Abstract Abstract #3136 Background: T-DM1, a novel HER2 antibody-drug conjugate (ADC) in development for HER2+ breast cancer (BC), combines activity of trastuzumab (T) with the targeted delivery of maytansinoid DM1 (potent antimicrotubule agent) to HER2-expressing cells. DM1 binds tubulin competitively with vinca alkaloids, 20-100x more potently than vincristine. It is bound to T by MCC, a linker that is stable with protease activity and under many pH or redox conditions. T-DM1 is the first ADC with an MCC linker to enter clinical trials. Main preclinical AEs were reversible transaminase (TA) elevations, reversible platelet decreases, and neuropathy. A phase I study of T-DM1 every 3 wks (q3w) in patients (pts) with advanced HER2+ BC who progressed on T-containing chemotherapy regimen, the maximum tolerated dose (MTD) was 3.6 mg/kg, with DLT of grade (Gr) 4 thrombocytopenia (TCP); tumor responses were seen in 5 of 9 pts (4 confirmed, 44%) with measurable disease treated at MTD. We undertook this dose escalation study of T-DM1 given once/wk (q1w) to explore pharmacokinetics (PK), safety, and tolerability of more frequent dosing.

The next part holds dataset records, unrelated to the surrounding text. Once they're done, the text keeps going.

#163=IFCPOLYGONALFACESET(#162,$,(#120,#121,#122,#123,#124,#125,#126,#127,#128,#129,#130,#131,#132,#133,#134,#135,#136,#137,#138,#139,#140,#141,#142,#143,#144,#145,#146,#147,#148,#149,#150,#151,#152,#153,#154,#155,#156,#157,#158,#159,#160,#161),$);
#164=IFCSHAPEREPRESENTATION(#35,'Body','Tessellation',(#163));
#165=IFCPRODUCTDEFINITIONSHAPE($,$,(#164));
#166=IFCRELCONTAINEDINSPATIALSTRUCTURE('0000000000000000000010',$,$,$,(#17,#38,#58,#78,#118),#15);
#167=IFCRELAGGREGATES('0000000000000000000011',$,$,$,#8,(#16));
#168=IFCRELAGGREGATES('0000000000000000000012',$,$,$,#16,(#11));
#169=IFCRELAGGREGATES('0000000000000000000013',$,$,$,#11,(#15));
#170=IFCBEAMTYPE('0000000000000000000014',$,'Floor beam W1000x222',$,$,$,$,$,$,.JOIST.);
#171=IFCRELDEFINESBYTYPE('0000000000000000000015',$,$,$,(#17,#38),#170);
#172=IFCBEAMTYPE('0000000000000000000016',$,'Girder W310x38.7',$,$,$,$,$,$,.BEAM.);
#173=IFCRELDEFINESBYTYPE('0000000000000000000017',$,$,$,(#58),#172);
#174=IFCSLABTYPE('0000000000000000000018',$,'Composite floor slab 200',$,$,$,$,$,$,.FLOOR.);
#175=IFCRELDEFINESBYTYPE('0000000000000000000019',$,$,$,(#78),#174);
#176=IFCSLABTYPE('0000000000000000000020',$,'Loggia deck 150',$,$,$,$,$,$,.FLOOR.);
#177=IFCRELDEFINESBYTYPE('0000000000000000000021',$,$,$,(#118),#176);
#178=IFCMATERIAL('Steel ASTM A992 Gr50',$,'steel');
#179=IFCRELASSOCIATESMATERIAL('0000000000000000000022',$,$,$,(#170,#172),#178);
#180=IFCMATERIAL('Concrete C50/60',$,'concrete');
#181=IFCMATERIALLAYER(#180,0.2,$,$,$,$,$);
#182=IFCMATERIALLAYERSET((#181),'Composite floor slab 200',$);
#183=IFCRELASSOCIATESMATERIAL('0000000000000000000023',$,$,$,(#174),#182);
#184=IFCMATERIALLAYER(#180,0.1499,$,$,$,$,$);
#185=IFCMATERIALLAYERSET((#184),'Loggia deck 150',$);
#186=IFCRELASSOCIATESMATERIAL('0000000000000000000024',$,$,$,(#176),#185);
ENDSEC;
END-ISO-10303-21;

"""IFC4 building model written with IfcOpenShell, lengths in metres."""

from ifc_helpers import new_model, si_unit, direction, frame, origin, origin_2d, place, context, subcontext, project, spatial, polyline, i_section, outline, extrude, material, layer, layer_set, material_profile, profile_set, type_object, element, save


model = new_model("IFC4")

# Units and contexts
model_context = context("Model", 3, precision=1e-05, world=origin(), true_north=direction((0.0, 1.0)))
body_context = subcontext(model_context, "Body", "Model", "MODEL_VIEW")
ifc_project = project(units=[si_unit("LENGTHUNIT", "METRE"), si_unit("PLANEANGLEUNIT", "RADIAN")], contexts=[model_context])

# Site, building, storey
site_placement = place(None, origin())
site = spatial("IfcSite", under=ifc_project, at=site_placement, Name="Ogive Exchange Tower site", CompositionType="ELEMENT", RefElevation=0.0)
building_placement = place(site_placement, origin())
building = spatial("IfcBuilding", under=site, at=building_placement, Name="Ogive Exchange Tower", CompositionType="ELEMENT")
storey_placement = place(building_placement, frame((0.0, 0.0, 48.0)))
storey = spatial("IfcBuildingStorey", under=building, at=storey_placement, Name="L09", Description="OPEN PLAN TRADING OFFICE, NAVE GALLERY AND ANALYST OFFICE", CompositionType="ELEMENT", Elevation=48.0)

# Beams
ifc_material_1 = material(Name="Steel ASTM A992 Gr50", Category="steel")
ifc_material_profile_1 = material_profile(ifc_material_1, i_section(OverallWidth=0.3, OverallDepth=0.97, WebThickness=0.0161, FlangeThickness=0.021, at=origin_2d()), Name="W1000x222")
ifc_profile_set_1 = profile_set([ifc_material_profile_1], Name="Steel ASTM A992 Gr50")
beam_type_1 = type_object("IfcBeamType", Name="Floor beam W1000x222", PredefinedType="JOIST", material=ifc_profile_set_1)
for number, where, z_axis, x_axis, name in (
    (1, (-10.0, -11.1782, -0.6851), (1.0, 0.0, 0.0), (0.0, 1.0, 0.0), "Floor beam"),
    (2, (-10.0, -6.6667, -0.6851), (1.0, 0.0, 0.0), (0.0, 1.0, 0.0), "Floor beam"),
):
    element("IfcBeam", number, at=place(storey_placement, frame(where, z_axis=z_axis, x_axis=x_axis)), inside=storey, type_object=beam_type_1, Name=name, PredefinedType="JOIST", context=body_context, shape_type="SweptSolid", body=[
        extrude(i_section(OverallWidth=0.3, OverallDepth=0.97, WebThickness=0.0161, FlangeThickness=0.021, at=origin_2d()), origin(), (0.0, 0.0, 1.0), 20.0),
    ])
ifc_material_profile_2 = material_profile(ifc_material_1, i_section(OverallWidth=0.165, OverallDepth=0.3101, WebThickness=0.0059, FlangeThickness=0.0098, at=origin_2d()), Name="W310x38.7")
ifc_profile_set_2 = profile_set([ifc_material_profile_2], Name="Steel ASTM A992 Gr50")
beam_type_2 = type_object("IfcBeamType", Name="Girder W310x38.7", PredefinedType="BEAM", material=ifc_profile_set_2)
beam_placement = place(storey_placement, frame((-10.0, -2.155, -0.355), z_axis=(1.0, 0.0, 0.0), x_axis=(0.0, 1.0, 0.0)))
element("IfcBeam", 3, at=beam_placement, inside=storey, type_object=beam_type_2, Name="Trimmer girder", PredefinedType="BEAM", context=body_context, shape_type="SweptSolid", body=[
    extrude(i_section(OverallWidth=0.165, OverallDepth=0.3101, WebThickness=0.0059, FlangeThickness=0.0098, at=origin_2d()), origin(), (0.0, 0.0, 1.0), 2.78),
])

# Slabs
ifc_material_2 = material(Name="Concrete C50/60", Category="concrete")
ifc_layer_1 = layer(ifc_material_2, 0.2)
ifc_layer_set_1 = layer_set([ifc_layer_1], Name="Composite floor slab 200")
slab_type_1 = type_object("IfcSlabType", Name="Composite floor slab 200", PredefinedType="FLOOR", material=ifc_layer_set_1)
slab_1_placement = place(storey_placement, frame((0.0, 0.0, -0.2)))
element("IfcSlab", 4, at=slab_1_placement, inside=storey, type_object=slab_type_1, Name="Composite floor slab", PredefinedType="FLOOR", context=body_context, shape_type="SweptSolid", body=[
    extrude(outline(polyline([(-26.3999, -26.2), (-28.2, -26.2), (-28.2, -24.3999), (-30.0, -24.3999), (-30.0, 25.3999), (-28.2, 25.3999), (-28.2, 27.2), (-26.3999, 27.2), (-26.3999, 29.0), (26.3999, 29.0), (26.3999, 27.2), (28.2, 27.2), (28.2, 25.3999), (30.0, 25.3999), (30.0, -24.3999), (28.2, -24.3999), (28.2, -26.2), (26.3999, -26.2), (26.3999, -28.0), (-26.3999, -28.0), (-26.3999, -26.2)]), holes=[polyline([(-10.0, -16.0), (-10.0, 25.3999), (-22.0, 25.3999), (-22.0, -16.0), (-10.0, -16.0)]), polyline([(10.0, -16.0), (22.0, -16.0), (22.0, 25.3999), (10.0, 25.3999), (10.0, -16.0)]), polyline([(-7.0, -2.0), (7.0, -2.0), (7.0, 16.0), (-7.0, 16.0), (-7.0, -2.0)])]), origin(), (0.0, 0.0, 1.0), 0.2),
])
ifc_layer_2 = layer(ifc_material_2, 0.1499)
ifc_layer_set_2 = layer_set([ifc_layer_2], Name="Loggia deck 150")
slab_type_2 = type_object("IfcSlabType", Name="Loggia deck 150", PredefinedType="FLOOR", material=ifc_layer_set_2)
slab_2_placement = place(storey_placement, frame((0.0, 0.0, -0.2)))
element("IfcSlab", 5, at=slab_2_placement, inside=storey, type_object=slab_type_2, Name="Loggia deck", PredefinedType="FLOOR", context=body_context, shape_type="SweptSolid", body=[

 Methods: Pts with advanced HER2+ BC who had progressed on a T-containing chemotherapy regimen received T-DM1 IV q1w continuously. Dose levels were escalated in successive 3+3 cohorts if DLT was seen in <1/3 of pts within 21 days of Cycle 1 Day 1.

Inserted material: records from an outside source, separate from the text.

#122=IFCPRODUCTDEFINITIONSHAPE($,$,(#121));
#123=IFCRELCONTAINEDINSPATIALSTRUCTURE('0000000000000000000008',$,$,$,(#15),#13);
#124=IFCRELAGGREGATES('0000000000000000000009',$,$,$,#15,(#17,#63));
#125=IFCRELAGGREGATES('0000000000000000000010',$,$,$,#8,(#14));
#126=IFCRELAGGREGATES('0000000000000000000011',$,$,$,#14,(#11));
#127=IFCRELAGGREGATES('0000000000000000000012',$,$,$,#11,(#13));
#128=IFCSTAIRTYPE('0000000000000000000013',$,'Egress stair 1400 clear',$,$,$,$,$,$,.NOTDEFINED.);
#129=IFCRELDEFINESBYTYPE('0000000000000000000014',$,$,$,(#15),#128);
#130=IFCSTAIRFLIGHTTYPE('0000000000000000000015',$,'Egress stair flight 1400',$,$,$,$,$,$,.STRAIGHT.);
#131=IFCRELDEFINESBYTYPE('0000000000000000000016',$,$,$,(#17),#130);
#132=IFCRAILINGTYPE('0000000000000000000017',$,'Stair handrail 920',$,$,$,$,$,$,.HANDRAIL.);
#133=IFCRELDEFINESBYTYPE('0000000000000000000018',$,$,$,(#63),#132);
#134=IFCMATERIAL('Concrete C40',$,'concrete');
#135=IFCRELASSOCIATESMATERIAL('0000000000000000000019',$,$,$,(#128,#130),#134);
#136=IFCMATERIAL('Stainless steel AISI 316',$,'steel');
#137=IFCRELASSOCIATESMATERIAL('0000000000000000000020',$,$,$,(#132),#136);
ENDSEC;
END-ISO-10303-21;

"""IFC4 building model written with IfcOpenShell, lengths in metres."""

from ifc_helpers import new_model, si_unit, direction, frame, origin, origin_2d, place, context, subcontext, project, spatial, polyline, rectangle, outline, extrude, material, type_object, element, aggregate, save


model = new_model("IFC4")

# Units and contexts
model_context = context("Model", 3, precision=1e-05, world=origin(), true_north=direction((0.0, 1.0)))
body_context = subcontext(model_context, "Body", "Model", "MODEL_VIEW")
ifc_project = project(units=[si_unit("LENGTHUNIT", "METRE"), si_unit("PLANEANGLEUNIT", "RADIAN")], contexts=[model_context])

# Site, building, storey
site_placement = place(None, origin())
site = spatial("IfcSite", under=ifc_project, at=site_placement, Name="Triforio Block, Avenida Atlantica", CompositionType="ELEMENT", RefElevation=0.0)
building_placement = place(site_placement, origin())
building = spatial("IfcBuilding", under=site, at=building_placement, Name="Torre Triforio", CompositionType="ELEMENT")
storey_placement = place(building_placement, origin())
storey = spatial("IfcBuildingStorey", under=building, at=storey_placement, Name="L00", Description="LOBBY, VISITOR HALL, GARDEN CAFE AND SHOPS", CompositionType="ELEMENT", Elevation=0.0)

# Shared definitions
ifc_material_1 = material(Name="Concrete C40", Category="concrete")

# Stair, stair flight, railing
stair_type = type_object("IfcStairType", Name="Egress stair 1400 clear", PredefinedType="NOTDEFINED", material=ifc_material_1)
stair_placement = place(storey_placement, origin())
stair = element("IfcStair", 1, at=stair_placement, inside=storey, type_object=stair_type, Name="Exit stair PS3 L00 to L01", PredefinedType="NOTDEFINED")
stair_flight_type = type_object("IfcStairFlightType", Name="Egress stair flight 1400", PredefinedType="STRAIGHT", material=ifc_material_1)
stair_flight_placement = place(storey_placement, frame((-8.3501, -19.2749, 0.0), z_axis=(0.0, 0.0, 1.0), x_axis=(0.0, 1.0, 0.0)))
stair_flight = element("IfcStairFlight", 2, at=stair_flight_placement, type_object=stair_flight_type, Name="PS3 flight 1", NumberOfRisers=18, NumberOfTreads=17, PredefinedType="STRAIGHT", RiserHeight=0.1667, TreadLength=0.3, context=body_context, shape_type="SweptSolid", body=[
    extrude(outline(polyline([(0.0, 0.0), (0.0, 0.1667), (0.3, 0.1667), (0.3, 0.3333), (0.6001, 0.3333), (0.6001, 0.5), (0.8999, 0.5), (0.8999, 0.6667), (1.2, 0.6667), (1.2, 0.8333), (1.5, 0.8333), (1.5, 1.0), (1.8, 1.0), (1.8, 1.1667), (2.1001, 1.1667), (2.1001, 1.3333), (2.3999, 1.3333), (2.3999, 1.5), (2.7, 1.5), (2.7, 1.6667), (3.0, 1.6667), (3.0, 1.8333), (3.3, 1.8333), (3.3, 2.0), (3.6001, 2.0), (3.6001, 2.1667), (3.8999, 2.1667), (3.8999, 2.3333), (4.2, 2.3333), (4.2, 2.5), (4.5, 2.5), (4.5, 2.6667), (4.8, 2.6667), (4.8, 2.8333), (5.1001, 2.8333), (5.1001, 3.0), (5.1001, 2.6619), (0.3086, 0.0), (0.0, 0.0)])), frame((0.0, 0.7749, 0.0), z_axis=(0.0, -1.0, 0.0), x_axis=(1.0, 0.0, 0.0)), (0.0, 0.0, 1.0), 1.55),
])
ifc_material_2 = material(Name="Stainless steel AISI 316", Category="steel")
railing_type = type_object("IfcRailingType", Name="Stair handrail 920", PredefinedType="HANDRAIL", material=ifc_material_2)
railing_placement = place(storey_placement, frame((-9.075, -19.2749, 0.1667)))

 Results: As of 19 May 2008, enrollment is complete with 27 pts (15 at the MTD). Data is available for 19 pts [median age 54.0 (range 41-71); all PS 0-1; median number prior metastatic chemo agents 5.0 (range 2-8); median wks of prior trastuzumab 122 (range 29-325)] who have received 246 doses of T-DM1 at 1.2, 1.6, 2.0, 2.4, and 2.9 mg/kg. Common related AEs include fatigue (Gr1, 3 pts; Gr2, 4 pts; Gr3, 1 pt), thrombocytopenia (Gr 1, 4 pts; Gr2, 3 pts; Gr3, 2 pts), nausea (Gr1, 7 pts; Gr 2, 1 pt), TA elevations (Gr1, 1 pt; Gr2, 4 pts; Gr3, 1 pt), vomiting (Gr1, 3 pts; Gr2, 1 pt) and headache (Gr1, 2 pts; Gr2, 1 pt). Dose-limiting toxicity was seen in 2 pts at 2.9 mg/kg (toxicity preventing retreatment on Cycle 1 Day 8, from Gr2-3 thrombocytopenia). No Gr4 AEs or cardiac toxicity were seen. Preliminary PK analyses suggest that steady-state T-DM1 exposure at 2.4 mg/kg q1w will be ∼2x that associated with 3.6 mg/kg q3w. Of 15 pts evaluable for response, 9 had partial responses (8 confirmed, 53%).
 Conclusions: The MTD of T-DM1 on a weekly schedule is 2.4 mg/kg. Related Gr ≥2 AEs were reversible and manageable. The activity and safety results observed on q1w dosing were consistent with q3w dosing, supporting further study. Three Phase II trials of q3w T-DM1 in advanced HER2+ BC will enroll pts in 2008; preliminary results from the first trial will be reported in 2008. Citation Information: Cancer Res 2009;69(2 Suppl):Abstract nr 3136.